December 9, 2009
ABSTRACT SKULLS, Spungiforms cd (originally released on cassette, ca. 1985; re-released 2009 by EEEE EEEE Records)
Band members: George Hinchliffe, Davy Walklett, Ian "Wig" Wood"; guests Sue Swift, Diz Willis
You know that, in your darkest heart of hearts, you have often wondered: 'What would the Residents sound like if you took away their keyboards and gave them only some uncertain brass instrument, the occasional bass and guitar, but mostly what sounds like pots, pans, plates and cymbals, as well as equally ambiguous stringed instruments, possibly including violin, ukulele and banjo?' Ok, so the percussion would give you 'Land of A Thousand Dances' from THIRD REICH AND ROLL, but the rest would not be as easily squeezed into the conceit.
You might get something like this 10-song cassette, 9 of whose selections are quite challenging. Even free jazz/improv might be misleading, because, well, much of Ornette Coleman's work has passages of beauty and melody. There's not a lot of either here.

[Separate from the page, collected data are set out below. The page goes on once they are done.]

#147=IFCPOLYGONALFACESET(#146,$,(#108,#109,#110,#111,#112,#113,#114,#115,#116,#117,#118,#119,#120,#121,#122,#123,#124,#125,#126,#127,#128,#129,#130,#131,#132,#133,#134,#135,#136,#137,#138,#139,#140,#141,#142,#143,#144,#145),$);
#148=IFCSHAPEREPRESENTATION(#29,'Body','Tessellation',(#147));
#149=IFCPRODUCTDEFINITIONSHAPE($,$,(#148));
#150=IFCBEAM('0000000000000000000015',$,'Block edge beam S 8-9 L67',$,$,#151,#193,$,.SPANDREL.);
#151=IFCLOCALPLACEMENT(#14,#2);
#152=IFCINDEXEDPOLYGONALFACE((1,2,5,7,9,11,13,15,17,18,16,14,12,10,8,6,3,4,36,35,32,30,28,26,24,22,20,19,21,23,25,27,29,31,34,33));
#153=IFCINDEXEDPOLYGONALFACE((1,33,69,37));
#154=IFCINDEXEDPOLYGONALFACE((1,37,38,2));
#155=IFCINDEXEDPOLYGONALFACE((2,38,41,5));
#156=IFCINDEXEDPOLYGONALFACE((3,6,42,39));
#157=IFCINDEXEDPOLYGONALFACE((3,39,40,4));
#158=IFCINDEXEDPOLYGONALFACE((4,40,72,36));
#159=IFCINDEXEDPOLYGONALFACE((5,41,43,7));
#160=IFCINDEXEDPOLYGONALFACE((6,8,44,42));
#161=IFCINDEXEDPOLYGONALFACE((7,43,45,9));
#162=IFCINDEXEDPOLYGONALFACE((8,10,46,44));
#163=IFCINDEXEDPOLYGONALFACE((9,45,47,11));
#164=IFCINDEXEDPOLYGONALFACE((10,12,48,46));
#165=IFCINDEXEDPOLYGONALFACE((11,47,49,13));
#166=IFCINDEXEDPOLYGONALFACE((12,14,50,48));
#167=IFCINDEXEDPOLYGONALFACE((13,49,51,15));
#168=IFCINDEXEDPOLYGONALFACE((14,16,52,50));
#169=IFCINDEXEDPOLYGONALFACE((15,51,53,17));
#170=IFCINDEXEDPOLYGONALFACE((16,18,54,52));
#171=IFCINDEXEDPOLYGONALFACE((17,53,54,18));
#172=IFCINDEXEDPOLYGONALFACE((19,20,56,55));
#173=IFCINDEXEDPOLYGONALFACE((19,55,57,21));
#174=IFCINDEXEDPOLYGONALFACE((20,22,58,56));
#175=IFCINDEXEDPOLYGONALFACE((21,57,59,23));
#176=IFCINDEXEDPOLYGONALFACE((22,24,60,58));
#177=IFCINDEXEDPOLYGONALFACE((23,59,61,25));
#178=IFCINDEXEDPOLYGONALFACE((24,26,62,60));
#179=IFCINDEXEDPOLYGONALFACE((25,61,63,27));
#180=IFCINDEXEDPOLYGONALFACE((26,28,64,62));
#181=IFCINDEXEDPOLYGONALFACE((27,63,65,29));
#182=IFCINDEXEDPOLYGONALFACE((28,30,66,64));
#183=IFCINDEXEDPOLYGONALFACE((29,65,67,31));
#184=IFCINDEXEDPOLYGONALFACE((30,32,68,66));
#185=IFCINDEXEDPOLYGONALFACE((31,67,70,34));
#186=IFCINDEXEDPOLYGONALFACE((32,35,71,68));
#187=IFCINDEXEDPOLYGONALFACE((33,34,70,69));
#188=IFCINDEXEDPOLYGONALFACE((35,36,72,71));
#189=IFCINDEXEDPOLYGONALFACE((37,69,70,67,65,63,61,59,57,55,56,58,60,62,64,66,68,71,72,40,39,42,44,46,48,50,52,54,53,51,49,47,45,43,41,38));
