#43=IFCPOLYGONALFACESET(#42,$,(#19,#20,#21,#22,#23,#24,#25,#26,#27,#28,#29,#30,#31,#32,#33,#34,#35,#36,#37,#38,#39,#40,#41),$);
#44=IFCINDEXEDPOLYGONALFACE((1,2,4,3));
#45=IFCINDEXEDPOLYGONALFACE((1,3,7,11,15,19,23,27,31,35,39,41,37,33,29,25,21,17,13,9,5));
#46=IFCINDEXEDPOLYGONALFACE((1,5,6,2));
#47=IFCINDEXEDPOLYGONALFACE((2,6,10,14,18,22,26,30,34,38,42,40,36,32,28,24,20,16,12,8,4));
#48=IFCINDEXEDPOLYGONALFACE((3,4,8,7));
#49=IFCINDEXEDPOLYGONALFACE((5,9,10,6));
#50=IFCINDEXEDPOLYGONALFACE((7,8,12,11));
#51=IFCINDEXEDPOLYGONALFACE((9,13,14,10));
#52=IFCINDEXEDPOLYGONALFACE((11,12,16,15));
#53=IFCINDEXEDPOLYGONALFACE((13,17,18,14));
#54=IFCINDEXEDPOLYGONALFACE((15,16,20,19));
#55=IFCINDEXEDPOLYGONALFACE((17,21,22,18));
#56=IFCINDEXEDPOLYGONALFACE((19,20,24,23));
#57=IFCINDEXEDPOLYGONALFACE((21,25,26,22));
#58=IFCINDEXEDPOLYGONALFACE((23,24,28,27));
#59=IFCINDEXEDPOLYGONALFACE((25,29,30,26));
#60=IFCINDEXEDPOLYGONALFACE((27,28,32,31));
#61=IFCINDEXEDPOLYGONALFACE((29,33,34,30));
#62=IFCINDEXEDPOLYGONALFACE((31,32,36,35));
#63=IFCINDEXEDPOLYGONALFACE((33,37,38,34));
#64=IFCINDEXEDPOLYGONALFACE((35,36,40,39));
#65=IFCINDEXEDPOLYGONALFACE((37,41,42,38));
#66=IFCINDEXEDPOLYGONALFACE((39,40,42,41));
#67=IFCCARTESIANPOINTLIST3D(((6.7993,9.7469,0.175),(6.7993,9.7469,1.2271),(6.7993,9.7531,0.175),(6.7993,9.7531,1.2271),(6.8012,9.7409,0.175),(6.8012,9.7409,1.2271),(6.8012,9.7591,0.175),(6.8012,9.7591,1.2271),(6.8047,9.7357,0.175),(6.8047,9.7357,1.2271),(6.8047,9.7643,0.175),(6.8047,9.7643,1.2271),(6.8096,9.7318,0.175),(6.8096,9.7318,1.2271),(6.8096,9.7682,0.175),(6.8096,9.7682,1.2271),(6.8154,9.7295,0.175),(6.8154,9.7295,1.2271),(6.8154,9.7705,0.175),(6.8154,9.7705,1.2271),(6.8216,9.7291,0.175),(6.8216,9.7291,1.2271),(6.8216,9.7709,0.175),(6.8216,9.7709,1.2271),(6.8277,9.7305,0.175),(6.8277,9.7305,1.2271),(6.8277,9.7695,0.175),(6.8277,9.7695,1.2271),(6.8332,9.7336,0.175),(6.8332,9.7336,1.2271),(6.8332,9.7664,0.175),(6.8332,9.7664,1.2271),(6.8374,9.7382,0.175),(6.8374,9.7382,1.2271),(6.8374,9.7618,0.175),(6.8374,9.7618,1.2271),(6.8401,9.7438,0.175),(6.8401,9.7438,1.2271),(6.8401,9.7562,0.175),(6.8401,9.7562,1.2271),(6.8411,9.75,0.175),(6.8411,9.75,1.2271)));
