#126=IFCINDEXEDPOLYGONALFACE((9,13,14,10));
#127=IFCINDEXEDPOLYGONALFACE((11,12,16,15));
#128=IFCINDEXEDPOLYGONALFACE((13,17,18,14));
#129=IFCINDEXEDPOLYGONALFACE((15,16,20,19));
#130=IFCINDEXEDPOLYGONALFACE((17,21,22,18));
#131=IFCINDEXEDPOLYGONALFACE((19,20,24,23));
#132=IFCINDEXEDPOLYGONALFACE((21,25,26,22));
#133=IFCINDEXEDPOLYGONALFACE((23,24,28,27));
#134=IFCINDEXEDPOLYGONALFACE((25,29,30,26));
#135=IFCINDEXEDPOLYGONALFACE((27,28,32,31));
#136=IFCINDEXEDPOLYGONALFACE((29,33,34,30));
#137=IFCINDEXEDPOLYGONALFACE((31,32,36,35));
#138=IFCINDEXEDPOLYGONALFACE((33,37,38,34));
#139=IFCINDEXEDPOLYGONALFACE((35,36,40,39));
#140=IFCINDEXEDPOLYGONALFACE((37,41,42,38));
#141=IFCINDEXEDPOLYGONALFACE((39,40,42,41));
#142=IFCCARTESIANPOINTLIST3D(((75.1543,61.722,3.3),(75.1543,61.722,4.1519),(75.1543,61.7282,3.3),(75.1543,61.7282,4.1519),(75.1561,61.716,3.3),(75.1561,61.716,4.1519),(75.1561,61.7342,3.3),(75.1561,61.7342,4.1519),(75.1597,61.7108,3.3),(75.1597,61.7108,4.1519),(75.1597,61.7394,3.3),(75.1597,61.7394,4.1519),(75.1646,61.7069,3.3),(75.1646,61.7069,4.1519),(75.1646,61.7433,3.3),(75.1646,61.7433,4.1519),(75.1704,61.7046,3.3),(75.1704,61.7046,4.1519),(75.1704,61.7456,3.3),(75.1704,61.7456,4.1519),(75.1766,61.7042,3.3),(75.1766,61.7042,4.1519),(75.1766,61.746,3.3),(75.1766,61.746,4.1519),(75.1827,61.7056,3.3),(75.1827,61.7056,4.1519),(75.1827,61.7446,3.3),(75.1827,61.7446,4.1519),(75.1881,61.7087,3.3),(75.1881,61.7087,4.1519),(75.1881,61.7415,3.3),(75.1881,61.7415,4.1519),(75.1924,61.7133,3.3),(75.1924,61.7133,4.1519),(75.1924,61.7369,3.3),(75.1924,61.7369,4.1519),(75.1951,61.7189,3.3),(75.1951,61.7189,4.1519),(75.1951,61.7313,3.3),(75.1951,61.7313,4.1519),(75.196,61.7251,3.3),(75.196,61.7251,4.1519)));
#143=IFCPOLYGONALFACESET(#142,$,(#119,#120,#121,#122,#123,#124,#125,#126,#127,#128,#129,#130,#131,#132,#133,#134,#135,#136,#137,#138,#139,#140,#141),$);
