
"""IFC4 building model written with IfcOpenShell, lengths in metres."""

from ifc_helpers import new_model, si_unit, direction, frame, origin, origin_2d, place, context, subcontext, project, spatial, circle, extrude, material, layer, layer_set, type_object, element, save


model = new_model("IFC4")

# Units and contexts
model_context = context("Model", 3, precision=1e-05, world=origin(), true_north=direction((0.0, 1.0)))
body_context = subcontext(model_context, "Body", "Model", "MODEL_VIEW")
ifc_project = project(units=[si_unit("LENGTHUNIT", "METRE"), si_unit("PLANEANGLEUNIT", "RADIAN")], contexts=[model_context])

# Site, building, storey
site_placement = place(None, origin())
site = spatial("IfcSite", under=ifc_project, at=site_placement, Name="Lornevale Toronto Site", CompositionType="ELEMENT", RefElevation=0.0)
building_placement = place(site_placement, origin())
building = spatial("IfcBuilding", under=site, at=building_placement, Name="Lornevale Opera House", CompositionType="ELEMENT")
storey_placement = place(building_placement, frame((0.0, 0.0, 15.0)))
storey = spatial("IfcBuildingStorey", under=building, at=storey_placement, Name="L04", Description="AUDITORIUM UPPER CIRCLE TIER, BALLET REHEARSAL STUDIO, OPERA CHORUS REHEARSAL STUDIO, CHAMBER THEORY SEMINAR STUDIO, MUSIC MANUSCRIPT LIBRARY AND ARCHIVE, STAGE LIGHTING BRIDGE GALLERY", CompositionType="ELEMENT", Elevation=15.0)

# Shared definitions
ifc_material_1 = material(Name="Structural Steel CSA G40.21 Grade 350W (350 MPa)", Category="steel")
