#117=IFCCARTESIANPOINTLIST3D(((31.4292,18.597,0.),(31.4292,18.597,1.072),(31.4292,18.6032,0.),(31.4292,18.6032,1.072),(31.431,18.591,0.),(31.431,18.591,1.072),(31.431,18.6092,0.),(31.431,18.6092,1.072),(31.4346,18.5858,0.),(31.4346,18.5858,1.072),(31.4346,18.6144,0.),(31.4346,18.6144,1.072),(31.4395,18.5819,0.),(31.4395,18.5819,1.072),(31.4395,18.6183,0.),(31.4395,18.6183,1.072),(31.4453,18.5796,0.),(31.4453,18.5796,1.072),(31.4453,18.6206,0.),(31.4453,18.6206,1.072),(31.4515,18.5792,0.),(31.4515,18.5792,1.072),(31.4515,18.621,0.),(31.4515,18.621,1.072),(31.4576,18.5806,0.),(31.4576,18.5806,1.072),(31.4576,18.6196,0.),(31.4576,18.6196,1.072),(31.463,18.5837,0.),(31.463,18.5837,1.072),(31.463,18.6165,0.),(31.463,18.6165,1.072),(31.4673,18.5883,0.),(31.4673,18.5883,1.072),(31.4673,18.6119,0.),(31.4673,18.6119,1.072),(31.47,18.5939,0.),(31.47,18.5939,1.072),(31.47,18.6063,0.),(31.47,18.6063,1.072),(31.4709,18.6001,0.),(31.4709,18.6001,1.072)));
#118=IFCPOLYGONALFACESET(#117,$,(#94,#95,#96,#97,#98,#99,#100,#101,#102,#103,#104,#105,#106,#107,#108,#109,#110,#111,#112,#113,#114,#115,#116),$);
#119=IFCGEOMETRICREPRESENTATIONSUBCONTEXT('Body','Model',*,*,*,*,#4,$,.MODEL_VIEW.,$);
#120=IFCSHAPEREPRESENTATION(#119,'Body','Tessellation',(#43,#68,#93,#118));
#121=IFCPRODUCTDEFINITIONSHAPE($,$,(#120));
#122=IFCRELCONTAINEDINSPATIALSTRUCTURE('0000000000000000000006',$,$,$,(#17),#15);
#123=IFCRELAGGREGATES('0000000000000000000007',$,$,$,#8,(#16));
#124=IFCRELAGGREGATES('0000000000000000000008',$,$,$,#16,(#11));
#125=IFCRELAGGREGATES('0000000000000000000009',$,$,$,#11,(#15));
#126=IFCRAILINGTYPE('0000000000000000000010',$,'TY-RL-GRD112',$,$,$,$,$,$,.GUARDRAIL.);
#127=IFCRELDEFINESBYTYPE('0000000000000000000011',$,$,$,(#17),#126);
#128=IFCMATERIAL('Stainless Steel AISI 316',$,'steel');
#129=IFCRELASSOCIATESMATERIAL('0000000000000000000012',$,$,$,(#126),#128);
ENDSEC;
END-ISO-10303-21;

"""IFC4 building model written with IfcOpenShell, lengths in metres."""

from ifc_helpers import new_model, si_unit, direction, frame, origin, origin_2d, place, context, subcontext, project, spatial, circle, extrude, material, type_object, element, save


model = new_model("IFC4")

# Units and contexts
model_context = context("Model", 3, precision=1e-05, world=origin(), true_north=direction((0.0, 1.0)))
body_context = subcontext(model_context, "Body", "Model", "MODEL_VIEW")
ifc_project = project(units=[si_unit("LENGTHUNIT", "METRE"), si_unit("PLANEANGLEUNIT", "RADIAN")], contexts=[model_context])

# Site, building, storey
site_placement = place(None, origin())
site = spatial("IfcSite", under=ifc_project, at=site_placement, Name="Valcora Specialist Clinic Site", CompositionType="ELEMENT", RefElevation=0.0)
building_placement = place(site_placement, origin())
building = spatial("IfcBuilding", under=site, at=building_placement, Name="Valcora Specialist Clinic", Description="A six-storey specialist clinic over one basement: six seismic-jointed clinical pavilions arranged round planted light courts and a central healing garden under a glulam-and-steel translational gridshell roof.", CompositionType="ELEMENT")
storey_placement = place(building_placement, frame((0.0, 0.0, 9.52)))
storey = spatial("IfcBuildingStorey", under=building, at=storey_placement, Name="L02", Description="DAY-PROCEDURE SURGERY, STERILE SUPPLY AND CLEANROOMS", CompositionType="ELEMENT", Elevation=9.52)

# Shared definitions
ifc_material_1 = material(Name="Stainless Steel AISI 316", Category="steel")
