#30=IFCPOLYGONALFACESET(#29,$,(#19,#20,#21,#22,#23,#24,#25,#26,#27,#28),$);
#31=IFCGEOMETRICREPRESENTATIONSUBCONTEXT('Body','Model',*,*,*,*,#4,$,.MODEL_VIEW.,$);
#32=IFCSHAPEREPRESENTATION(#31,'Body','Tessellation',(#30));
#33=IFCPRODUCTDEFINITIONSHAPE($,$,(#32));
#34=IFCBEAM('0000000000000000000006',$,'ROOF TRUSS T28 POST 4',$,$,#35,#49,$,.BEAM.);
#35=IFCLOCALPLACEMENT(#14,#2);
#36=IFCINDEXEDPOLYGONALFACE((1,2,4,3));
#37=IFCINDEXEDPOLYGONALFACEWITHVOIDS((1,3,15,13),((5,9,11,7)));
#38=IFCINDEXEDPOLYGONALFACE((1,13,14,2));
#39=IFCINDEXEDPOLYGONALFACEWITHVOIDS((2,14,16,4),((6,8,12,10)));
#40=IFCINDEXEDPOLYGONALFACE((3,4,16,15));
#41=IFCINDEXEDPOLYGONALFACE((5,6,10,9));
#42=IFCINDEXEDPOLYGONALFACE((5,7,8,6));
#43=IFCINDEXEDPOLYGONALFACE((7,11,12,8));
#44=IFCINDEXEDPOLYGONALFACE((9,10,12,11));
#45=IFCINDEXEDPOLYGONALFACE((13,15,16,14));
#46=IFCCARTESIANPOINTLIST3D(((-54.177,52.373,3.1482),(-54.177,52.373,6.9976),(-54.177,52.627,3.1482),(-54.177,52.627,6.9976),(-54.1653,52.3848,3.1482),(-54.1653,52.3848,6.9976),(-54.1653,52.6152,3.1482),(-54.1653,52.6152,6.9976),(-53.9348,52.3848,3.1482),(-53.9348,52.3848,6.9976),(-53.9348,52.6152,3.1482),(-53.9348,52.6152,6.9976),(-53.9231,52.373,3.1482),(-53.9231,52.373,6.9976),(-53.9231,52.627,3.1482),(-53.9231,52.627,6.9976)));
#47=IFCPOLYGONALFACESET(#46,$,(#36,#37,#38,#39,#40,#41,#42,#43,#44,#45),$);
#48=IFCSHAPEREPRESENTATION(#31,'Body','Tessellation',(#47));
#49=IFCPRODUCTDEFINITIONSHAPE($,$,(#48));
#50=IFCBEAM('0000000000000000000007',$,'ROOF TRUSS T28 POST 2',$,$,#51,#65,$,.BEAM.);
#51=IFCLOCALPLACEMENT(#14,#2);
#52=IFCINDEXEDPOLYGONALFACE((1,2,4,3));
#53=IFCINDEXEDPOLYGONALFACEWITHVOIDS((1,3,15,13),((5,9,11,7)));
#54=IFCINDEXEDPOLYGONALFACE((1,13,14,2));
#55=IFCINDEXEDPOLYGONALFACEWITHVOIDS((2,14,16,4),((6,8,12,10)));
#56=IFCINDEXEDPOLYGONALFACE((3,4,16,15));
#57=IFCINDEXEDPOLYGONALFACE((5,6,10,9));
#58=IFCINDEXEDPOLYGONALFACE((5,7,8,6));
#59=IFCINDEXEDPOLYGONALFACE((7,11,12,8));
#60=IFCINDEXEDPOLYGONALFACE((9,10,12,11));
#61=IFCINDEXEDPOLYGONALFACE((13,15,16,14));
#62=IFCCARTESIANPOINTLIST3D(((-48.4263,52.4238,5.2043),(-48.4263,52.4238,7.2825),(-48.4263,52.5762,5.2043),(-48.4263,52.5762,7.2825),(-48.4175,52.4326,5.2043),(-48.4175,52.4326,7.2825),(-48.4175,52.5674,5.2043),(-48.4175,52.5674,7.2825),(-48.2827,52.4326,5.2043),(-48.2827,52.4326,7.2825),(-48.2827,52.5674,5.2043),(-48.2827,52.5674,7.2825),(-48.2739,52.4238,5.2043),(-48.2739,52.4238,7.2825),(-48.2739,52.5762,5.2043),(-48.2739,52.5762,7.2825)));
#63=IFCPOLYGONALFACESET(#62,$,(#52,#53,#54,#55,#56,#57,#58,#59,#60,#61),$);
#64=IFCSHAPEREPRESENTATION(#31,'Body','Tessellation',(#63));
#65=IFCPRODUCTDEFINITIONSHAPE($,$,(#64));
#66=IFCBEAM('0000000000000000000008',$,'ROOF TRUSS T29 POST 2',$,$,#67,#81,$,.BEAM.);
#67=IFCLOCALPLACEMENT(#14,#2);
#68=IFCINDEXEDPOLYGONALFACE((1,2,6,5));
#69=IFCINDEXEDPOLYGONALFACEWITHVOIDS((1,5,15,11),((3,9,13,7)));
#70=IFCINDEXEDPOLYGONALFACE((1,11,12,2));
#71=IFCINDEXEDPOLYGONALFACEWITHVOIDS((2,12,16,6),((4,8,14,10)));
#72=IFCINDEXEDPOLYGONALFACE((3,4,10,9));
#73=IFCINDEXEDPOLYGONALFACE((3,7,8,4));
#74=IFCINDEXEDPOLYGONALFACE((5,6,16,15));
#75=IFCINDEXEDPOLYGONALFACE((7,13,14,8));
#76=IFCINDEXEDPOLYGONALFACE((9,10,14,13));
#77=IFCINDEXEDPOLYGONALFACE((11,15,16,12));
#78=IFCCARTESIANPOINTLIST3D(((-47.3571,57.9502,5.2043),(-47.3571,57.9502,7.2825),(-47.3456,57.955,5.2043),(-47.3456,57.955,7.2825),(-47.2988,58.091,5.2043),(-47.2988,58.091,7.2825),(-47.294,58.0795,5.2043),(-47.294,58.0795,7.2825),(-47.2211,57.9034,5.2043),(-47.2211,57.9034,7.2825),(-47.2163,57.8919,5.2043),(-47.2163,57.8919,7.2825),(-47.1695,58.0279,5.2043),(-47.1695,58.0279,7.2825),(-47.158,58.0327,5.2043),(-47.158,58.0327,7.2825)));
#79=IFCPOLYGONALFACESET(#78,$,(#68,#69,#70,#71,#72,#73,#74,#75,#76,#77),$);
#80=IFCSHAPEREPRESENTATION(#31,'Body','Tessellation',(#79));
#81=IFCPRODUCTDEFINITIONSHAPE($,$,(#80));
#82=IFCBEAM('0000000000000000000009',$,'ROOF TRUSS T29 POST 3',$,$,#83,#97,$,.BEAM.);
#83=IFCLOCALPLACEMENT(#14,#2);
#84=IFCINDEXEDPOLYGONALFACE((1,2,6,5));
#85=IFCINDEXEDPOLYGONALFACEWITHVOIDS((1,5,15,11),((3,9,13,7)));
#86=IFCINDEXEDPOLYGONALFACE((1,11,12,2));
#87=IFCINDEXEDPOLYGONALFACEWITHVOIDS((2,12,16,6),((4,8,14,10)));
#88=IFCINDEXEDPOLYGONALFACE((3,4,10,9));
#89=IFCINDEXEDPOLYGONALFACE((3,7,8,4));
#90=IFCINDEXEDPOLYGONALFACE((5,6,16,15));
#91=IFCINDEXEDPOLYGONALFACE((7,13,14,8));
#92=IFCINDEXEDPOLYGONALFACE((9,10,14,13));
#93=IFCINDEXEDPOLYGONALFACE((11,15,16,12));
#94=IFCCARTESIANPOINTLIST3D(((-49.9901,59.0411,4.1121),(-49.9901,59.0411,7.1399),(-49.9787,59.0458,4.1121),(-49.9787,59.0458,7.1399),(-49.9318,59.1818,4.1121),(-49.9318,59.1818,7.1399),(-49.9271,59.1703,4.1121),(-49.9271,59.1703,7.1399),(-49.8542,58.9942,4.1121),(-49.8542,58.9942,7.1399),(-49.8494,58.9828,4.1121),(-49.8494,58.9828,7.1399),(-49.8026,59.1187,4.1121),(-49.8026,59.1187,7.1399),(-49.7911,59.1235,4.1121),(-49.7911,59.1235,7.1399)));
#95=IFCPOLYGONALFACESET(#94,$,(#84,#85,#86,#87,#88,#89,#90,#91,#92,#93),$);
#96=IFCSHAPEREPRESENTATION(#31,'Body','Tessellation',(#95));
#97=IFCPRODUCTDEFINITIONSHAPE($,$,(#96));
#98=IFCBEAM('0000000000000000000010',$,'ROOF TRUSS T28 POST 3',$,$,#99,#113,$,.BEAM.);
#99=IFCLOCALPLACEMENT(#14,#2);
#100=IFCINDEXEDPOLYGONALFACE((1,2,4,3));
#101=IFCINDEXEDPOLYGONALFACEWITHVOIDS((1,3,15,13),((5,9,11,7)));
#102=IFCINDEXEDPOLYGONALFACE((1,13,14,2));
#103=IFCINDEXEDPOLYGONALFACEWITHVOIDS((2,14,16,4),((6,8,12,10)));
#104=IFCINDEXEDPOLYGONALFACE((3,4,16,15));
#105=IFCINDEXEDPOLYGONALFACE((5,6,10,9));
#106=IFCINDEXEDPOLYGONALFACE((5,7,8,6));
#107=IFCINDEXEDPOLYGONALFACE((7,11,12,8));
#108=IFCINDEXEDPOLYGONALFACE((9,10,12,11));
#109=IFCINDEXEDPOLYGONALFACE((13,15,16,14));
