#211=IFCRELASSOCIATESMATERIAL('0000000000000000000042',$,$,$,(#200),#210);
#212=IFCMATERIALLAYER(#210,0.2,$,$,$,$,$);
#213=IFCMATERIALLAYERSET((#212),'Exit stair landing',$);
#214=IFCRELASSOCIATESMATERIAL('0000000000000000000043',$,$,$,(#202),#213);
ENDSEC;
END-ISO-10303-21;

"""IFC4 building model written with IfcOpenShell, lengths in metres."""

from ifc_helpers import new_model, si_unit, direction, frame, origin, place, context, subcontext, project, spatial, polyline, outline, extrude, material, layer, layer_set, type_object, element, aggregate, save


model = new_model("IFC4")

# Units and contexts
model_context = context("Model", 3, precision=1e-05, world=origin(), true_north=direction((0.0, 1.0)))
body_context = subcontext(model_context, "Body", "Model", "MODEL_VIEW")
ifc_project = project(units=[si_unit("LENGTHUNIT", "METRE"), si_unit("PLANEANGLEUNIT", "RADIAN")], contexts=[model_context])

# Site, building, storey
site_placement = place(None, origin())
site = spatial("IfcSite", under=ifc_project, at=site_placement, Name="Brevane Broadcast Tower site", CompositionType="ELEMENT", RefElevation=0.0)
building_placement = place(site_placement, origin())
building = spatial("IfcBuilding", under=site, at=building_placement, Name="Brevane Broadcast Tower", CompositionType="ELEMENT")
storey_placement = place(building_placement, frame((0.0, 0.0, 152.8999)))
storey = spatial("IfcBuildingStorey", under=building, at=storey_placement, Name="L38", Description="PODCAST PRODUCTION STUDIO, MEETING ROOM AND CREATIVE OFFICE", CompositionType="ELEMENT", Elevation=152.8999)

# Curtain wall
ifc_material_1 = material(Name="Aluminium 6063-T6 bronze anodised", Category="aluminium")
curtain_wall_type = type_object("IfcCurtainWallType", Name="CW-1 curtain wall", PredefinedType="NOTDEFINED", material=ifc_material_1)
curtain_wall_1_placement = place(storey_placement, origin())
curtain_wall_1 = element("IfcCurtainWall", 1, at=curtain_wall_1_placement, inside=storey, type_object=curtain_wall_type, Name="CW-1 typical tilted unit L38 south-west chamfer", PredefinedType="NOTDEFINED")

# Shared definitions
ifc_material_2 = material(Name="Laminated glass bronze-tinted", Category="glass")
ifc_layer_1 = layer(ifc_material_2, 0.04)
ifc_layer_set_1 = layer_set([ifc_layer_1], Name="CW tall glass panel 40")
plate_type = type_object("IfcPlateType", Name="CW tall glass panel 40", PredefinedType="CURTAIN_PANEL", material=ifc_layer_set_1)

"Skarp Hedin's Axe" has some vaguely jazzy chords and figures on guitar and bass, and bears a vague resemblance to "Peter Gunn" as played by The Shaggs, but the clanging percussion and the sheer repetitiveness of the selection might tax some people's endurance. "42 West German Splints" is a little like Ornette Coleman, but in his trumpet playing (I think it's a trumpet) rather than saxophone, and the plinky string accompaniment on what is either a banjo or a ukulele is not exactly there to provide harmony under the vague swipes at melody the horn attempts. "Danse De Maquette" has a certain technique, as what is either a ukulele or a banjo is treated to both pizzicato plucking and the piece ends with a brief snatch of what sounds like tape-molested voice. "ESP" sounds like a slightly tamer cousin of "42" above. "Cavillato" actually is a LITTLE catchy, as it has both sawed and pizzicato violin, but it meanders quite a bit. "Volgaboatpersons" is the most Residential here, as it takes the familiar tune (you would recognize it) and does unspeakable lurching things to it, and "Sprats" does much the same to a violin and thumping composition. "Dextra et Lamina" has squeaky noises that sound like doors or drawers, some more violin violence and another, longer, droning vocal tape insertion.
And then, suddenly...A TUNE!! "Hebden Bridge Suite" is recognizably these people, as the percussion is the same thump and splash, but the trumpet is playing a melody of sorts, the strumming ukulele or banjo is often providing a harmonic base and even the peculiar little guitar noises are not forbidding this time. It goes on for 17 minutes, though, which is where I suppose its "difficult listening" credentials are earned.
And back to the difficult listening. The similarly lengthy "Invisible Member (Ocean)" has more trumpet torture and a somewhat sophisticated but ear-testing base of unclear stringy noises.
An intriguing little collection. I do think you'd have to be in a very special mood to love it, but it is certainly a sign of creative minds, and you just know they're doing it on purpose, because there are signs of chops (much like a violin player on the streets of my town who has skills and fingering technique, but evidently either never learned to tune or is doing the Jandek thing of tuning to how he feels - in which case, get help... ;) ).